China Eases Overseas Listing Rules, Paving Way for Rebound

China’s securities regulator has toned down curbs on local companies seeking initial public offerings overseas just as the economic rebound sparks renewed interest in the country’s assets.

In the final rules published Friday, the China Securities Regulatory Commission said it would support the listing of firms with so-called variable interest entity structures if they are compliant, signaling a softening stance toward the country’s capital markets.

The CSRC reiterated that Chinese companies seeking to sell shares abroad would have to register with the regulator after a transition period. Firms would need to abide by China’s rules when disclosing personal data, and take necessary steps to safeguard state secrets. The regulator will block listings that may impede state security or involve companies or shareholders that have committed corruption, bribes or are under investigation.

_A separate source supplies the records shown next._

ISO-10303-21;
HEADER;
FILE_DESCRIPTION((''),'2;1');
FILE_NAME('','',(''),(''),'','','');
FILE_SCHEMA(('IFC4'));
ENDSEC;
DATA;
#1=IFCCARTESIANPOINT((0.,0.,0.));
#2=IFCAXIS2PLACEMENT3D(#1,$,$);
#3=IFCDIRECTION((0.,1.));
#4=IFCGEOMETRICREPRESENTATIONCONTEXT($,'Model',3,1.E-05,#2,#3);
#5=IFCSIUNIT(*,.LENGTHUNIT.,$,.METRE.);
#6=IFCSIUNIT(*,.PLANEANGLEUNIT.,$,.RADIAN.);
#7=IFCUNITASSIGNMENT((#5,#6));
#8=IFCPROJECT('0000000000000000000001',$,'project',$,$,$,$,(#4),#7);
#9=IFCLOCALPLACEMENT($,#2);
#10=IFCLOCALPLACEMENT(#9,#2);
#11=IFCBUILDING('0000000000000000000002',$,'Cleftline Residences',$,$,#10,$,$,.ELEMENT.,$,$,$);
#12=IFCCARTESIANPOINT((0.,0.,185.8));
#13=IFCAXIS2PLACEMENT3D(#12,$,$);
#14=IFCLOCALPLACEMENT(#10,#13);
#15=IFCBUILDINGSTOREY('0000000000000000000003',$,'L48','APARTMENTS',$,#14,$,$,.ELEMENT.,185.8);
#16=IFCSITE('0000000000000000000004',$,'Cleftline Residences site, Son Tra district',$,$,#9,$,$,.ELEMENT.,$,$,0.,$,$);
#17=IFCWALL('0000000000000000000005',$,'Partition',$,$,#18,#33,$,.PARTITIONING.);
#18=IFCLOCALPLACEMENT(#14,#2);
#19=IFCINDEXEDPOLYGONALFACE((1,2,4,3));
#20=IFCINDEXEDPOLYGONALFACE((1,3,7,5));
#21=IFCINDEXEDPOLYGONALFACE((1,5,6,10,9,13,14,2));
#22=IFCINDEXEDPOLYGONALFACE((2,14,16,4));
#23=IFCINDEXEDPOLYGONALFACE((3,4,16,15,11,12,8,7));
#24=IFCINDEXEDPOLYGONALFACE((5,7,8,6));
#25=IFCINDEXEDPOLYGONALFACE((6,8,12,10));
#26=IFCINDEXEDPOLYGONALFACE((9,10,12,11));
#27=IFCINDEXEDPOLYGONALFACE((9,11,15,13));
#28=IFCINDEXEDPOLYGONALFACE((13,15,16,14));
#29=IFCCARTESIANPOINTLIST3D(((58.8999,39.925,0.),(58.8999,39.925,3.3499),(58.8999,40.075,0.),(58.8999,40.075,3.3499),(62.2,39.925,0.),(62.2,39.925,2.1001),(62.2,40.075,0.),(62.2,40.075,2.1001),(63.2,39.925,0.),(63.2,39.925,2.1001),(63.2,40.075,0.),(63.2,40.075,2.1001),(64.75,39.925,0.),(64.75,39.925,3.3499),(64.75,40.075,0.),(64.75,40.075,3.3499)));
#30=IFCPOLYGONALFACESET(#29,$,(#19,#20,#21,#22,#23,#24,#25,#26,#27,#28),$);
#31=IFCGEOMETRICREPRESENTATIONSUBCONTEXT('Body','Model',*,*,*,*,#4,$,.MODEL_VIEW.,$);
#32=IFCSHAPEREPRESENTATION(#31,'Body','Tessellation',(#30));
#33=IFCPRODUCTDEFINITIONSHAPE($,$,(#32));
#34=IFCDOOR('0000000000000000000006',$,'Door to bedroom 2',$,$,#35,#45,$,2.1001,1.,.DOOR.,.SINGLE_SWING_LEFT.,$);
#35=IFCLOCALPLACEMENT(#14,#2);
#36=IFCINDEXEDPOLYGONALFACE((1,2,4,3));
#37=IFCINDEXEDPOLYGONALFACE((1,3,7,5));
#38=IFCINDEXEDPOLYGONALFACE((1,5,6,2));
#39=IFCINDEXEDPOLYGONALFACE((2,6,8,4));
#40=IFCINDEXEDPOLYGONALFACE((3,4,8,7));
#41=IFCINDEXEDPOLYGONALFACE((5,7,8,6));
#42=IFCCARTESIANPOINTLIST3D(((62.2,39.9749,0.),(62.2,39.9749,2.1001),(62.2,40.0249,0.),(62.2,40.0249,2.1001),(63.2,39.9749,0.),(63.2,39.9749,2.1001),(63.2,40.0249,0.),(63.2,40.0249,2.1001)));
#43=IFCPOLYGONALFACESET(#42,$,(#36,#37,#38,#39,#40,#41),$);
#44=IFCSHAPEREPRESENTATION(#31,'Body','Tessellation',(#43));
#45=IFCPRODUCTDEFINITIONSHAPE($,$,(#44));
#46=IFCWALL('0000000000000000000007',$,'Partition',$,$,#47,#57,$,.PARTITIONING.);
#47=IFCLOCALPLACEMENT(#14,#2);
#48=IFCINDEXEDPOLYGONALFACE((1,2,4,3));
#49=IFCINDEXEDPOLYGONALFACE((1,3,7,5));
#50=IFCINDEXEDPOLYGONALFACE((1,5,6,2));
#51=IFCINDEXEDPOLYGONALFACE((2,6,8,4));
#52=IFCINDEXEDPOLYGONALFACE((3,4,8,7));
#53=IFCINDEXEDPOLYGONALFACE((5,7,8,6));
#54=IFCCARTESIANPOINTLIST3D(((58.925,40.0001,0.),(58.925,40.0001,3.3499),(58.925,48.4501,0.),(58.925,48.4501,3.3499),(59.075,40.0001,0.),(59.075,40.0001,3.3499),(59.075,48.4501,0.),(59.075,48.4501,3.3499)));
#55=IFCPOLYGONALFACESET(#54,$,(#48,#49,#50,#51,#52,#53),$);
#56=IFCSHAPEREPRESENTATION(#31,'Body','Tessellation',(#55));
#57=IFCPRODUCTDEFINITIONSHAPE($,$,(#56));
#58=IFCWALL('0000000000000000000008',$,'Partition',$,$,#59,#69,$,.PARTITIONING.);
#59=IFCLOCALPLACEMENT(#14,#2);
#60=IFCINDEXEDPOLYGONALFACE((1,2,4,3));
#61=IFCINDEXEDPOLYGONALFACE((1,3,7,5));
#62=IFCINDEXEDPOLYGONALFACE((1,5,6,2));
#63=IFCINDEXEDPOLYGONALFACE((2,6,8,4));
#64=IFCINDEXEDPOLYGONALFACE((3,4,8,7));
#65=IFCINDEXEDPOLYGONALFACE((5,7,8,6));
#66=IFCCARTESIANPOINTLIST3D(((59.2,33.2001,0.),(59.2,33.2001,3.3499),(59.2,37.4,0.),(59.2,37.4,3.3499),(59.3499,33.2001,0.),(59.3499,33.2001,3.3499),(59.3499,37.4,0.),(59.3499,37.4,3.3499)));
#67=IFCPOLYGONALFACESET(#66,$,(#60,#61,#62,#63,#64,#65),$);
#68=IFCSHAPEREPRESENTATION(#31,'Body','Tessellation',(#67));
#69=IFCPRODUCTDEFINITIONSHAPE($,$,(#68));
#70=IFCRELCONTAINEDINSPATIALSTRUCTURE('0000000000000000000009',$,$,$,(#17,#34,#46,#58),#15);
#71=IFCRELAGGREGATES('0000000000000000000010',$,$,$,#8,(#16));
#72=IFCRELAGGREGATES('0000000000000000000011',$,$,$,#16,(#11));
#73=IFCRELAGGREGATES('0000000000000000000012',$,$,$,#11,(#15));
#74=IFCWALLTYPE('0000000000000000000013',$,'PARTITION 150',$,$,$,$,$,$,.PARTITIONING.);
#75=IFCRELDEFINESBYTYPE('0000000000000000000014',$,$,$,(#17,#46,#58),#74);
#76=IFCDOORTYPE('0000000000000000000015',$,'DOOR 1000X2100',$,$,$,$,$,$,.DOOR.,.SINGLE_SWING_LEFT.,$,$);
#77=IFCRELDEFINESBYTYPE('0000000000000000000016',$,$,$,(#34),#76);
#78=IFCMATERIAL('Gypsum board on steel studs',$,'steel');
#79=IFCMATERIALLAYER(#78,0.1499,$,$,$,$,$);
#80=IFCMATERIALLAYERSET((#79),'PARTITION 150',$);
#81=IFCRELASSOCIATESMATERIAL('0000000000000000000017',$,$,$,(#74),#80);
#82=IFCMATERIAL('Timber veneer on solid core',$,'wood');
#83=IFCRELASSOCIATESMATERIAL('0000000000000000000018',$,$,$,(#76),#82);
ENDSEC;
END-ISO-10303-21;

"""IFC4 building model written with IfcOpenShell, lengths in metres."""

from ifc_helpers import new_model, si_unit, direction, frame, frame_2d, origin, place, context, subcontext, project, spatial, rectangle, extrude, material, layer, layer_set, type_object, element, fill, save


model = new_model("IFC4")

# Units and contexts
model_context = context("Model", 3, precision=1e-05, world=origin(), true_north=direction((0.0, 1.0)))
body_context = subcontext(model_context, "Body", "Model", "MODEL_VIEW")
ifc_project = project(units=[si_unit("LENGTHUNIT", "METRE"), si_unit("PLANEANGLEUNIT", "RADIAN")], contexts=[model_context])

# Site, building, storey
site_placement = place(None, origin())
site = spatial("IfcSite", under=ifc_project, at=site_placement, Name="Cleftline Residences site, Son Tra district", CompositionType="ELEMENT", RefElevation=0.0)
building_placement = place(site_placement, origin())
building = spatial("IfcBuilding", under=site, at=building_placement, Name="Cleftline Residences", CompositionType="ELEMENT")
storey_placement = place(building_placement, frame((0.0, 0.0, 185.8)))
storey = spatial("IfcBuildingStorey", under=building, at=storey_placement, Name="L48", Description="APARTMENTS", CompositionType="ELEMENT", Elevation=185.8)

# Shared definitions
ifc_material_1 = material(Name="Gypsum board on steel studs", Category="steel")
ifc_layer = layer(ifc_material_1, 0.1499)
ifc_layer_set = layer_set([ifc_layer], Name="PARTITION 150")
wall_type = type_object("IfcWallType", Name="PARTITION 150", PredefinedType="PARTITIONING", material=ifc_layer_set)

# Wall, opening, door
wall_1_placement = place(storey_placement, frame((58.8999, 40.0, 0.0), z_axis=(0.0, 0.0, 1.0), x_axis=(1.0, 0.0, 0.0)))
wall_1 = element("IfcWall", 1, at=wall_1_placement, inside=storey, type_object=wall_type, Name="Partition", PredefinedType="PARTITIONING", context=body_context, shape_type="SweptSolid", body=[
    extrude(rectangle(XDim=5.8501, YDim=0.1499, at=frame_2d((2.925, 0.0))), origin(), (0.0, 0.0, 1.0), 3.3499),
])
opening_placement = place(wall_1_placement, frame((3.3, 0.0, 0.0)))
opening = element("IfcOpeningElement", 2, at=opening_placement, cuts=wall_1, PredefinedType="OPENING", context=body_context, shape_type="SweptSolid", body=[
    extrude(rectangle(XDim=1.0, YDim=2.1001, at=frame_2d((0.5, 1.05))), frame((0.0, 0.085, 0.0), z_axis=(0.0, -1.0, 0.0), x_axis=(1.0, 0.0, 0.0)), (0.0, 0.0, 1.0), 0.1699),
])
ifc_material_2 = material(Name="Timber veneer on solid core", Category="wood")
door_type = type_object("IfcDoorType", Name="DOOR 1000X2100", OperationType="SINGLE_SWING_LEFT", PredefinedType="DOOR", material=ifc_material_2)
door_placement = place(opening_placement, origin())
door = element("IfcDoor", 3, at=door_placement, inside=storey, type_object=door_type, Name="Door to bedroom 2", OperationType="SINGLE_SWING_LEFT", OverallHeight=2.1001, OverallWidth=1.0, PredefinedType="DOOR", context=body_context, shape_type="SweptSolid", body=[
    extrude(rectangle(XDim=1.0, YDim=2.1001, at=frame_2d((0.5, 1.05))), frame((0.0, 0.0249, 0.0), z_axis=(0.0, -1.0, 0.0), x_axis=(1.0, 0.0, 0.0)), (0.0, 0.0, 1.0), 0.05),
])
fill(opening, door)

# Walls
wall_2_placement = place(storey_placement, frame((59.0, 40.0, 0.0), z_axis=(0.0, 0.0, 1.0), x_axis=(0.0, 1.0, 0.0)))
element("IfcWall", 4, at=wall_2_placement, inside=storey, type_object=wall_type, Name="Partition", PredefinedType="PARTITIONING", context=body_context, shape_type="SweptSolid", body=[
    extrude(rectangle(XDim=8.45, YDim=0.1499, at=frame_2d((4.2251, 0.0))), origin(), (0.0, 0.0, 1.0), 3.3499),
])
wall_3_placement = place(storey_placement, frame((59.2749, 33.2, 0.0), z_axis=(0.0, 0.0, 1.0), x_axis=(0.0, 1.0, 0.0)))
element("IfcWall", 5, at=wall_3_placement, inside=storey, type_object=wall_type, Name="Partition", PredefinedType="PARTITIONING", context=body_context, shape_type="SweptSolid", body=[
    extrude(rectangle(XDim=4.2, YDim=0.1499, at=frame_2d((2.1001, 0.0))), origin(), (0.0, 0.0, 1.0), 3.3499),
])

save(model, "model.ifc")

“As long as companies stay compliant with the regulations, their listings won’t be affected no matter which market they choose,” the CSRC said in an separate Q&A on its website. “The CSRC and related authorities will respect companies’ independent choice and provide support.”

The move could help revive a path for Chinese companies and investors to tap global public markets again. Chinese companies have struggled to list in New York amid tightening scrutiny at home and from the US Securities and Exchange Commission. That triggered the sharpest drop in venture capital investments in more than two decades.